For now, the Centers for Medicare & Medicaid Services (CMS) has asked the NIA to provide guidance on which test should be used to screen for cognitive impairment during the annual wellness visit. “It should be evidence based, appropriate for the Medicare population and providers, brief and easy to use, and cost is a consideration as well,” said NIA’s Molly Wagster, speaking at the AFA-ADDF meeting with her colleague Nina Silverberg. NIA so far has identified 12 tests that are free of cost and take less than five minutes to administer. These include the AD8, Mini-Cog, and MIS, among others. However, “there is no consensus as to which tests are the best or what to recommend to a primary care physician,” said NIA’s Creighton (Tony) Phelps, who did not attend the conference in New York City. NIA has already held several meetings with representatives from other federal agencies and dementia experts, and is continuing to collect input.

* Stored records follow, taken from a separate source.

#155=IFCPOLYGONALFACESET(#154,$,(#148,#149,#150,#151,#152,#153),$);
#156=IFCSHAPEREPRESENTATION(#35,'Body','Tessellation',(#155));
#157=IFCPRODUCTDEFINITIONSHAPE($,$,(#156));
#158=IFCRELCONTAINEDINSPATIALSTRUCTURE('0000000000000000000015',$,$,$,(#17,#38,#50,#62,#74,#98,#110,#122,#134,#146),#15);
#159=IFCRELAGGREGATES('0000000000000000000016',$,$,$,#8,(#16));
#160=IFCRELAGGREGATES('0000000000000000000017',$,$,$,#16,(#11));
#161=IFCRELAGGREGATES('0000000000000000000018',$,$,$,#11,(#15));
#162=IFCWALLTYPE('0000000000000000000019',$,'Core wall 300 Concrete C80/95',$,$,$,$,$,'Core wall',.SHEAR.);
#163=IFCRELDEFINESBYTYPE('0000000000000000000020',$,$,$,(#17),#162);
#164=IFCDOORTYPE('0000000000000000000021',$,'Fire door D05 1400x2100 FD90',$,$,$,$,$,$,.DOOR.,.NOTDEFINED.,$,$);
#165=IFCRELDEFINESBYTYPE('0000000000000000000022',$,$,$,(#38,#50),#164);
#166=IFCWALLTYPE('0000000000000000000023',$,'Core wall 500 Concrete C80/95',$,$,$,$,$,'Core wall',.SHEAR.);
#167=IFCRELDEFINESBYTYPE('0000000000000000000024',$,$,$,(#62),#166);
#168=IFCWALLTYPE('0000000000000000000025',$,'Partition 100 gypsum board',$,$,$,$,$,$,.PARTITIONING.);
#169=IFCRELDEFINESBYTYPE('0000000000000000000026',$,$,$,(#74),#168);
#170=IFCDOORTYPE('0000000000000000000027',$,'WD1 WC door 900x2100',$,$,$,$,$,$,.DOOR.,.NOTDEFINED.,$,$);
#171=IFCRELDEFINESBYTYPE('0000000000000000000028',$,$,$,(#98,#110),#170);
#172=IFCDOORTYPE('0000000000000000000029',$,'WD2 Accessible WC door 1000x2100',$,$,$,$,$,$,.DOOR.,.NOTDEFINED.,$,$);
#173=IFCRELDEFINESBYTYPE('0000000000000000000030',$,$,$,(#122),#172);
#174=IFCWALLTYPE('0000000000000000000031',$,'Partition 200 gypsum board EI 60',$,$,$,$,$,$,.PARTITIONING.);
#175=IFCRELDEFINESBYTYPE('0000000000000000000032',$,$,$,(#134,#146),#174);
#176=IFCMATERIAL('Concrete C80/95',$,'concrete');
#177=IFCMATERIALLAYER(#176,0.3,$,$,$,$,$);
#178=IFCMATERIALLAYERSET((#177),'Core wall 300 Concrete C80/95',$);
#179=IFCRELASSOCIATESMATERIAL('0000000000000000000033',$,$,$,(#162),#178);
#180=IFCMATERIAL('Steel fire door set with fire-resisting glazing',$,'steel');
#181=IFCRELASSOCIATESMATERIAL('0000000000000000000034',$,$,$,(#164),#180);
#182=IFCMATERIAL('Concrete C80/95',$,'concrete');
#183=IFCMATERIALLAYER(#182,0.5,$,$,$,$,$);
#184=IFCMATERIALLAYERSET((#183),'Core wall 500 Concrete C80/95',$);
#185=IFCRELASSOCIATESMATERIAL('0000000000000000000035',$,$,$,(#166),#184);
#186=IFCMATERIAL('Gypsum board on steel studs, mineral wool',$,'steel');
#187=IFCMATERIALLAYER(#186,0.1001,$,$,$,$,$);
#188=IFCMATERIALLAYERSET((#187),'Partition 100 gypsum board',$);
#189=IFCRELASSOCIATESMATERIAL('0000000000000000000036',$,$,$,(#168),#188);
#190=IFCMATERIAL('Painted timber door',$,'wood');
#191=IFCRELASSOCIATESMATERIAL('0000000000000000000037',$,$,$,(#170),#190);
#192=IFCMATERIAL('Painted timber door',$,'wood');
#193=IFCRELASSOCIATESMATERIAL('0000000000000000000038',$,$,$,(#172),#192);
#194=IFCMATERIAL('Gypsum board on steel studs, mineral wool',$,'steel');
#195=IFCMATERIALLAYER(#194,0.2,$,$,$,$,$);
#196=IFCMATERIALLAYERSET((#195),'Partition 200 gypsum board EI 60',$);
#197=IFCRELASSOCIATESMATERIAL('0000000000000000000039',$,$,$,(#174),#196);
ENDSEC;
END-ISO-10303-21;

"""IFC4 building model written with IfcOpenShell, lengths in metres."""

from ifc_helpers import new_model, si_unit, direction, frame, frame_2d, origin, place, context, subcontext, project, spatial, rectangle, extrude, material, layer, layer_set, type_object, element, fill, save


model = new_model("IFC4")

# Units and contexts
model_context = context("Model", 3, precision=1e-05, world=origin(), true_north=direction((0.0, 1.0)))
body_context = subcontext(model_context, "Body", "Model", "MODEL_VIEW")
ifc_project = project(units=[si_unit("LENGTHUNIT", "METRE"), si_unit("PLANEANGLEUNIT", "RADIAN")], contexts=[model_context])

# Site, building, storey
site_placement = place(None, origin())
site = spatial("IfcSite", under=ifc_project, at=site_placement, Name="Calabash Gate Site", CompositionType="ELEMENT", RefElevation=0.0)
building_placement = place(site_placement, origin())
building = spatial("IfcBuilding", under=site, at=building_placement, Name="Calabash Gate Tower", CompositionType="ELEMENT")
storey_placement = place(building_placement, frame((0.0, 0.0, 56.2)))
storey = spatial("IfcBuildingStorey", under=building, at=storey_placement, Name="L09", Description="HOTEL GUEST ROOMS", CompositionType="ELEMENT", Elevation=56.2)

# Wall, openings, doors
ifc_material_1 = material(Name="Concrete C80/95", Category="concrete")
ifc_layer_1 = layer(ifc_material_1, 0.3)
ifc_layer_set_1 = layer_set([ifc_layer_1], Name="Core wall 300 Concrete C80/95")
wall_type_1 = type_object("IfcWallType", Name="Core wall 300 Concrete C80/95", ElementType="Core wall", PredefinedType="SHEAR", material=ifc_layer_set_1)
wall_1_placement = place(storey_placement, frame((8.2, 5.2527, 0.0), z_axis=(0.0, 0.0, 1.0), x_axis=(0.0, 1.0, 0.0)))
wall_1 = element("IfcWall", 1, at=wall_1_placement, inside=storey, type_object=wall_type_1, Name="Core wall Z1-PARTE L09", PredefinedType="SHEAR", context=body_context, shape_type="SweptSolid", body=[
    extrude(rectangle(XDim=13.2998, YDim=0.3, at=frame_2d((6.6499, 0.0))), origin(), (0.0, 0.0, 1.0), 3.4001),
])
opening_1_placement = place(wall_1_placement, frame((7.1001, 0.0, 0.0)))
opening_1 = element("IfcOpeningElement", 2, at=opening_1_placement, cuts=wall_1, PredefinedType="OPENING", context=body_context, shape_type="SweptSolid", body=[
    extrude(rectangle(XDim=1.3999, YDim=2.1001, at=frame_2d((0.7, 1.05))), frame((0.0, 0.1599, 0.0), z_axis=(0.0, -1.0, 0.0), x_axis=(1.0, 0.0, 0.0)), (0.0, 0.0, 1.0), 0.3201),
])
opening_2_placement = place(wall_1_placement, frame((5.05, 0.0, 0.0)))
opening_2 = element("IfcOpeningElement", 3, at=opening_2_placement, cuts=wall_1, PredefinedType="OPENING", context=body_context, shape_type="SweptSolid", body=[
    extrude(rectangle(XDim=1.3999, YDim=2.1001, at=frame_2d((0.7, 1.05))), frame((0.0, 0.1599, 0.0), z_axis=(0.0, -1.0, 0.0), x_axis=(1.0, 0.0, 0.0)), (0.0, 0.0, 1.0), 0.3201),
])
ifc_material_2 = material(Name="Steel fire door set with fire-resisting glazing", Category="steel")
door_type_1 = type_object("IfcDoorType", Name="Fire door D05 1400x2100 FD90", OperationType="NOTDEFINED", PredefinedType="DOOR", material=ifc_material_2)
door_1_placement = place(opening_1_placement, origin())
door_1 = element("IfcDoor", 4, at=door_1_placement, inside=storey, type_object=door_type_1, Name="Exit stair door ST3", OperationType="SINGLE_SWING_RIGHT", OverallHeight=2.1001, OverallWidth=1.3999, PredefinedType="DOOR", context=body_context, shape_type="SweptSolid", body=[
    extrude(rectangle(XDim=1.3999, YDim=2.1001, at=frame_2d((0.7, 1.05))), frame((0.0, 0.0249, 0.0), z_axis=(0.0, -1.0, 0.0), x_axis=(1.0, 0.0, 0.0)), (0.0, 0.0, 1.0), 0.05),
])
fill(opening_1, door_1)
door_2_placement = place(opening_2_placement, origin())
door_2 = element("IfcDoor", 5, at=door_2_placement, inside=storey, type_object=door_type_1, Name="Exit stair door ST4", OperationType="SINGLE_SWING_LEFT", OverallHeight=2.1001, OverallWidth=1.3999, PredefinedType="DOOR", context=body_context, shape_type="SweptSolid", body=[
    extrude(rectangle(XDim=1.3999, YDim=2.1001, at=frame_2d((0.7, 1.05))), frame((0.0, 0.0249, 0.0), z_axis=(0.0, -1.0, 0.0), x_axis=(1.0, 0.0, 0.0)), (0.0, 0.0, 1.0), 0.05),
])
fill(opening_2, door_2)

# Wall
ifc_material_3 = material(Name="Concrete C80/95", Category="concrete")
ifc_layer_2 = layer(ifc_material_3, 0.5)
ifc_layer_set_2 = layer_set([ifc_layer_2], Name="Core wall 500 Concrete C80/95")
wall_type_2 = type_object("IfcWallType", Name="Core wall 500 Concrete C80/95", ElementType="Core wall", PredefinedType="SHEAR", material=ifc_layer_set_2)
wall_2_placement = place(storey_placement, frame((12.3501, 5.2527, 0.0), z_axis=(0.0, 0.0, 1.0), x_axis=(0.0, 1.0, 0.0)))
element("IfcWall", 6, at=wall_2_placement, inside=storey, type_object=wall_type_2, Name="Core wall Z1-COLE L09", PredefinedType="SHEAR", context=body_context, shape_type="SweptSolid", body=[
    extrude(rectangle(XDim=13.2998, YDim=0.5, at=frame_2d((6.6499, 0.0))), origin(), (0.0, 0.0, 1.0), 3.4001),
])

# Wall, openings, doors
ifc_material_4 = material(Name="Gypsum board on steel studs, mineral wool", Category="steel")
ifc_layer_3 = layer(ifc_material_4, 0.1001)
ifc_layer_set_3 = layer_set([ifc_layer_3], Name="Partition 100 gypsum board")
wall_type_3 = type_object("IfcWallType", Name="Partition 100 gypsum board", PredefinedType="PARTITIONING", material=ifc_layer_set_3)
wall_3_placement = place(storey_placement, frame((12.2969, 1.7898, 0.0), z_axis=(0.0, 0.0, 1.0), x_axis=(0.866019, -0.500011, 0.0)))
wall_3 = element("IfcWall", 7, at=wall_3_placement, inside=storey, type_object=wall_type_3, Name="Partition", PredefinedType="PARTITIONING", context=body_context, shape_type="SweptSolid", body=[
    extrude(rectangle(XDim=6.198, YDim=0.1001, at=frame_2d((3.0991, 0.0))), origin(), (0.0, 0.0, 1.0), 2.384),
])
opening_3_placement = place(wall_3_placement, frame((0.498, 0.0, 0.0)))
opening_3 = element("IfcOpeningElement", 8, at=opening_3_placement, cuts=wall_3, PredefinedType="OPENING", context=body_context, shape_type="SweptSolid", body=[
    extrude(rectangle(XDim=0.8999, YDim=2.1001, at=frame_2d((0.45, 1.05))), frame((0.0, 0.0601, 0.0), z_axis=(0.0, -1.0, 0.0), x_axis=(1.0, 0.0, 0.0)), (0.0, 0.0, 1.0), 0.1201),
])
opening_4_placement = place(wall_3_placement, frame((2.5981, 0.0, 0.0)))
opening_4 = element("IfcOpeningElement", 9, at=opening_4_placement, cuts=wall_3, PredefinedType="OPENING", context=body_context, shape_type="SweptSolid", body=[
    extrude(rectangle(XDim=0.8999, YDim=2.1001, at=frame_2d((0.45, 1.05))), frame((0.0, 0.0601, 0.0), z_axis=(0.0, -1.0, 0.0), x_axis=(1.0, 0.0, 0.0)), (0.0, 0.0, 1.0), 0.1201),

Even once a test, or group of tests, is officially anointed for screening, “dementia screening is going to be challenging to do,” said Morris. Busy primary care physicians have to find time to screen for dementia among the many other health conditions that typically afflict older patients; moreover, they may not have time or resources to conduct the follow-up evaluation on a positive screen, or to find dementia-specific care for a patient. Low reimbursement rates only compound these difficulties.

AFA-ADDF meeting participants will continue discussions by phone over the next several weeks with the goal of hammering out a set of recommendations that address some of these challenges. If the task may seem daunting, there is no lack of enthusiasm. “The policy changes that have occurred in Medicare, the field’s interest in the earliest stages of disease as indicated by the new diagnostic guidelines, and the greater focus on prevention are all very exciting and energizing,” Frank told ARF.—Laura Bonetta.

This is Part 1 of a two-part series. See also Part 2.

 
Comments on News and Primary Papers
  Comment by:  Dorota Religa
Submitted 16 December 2011  |  Permalink Posted 16 December 2011

I wonder how it is possible that "the physician running the practice saw some 17,000 patients a year." It means around 80 patients per working day?

In Sweden, the number is much lower. A family physician has about 2,500 patients listed to him or her.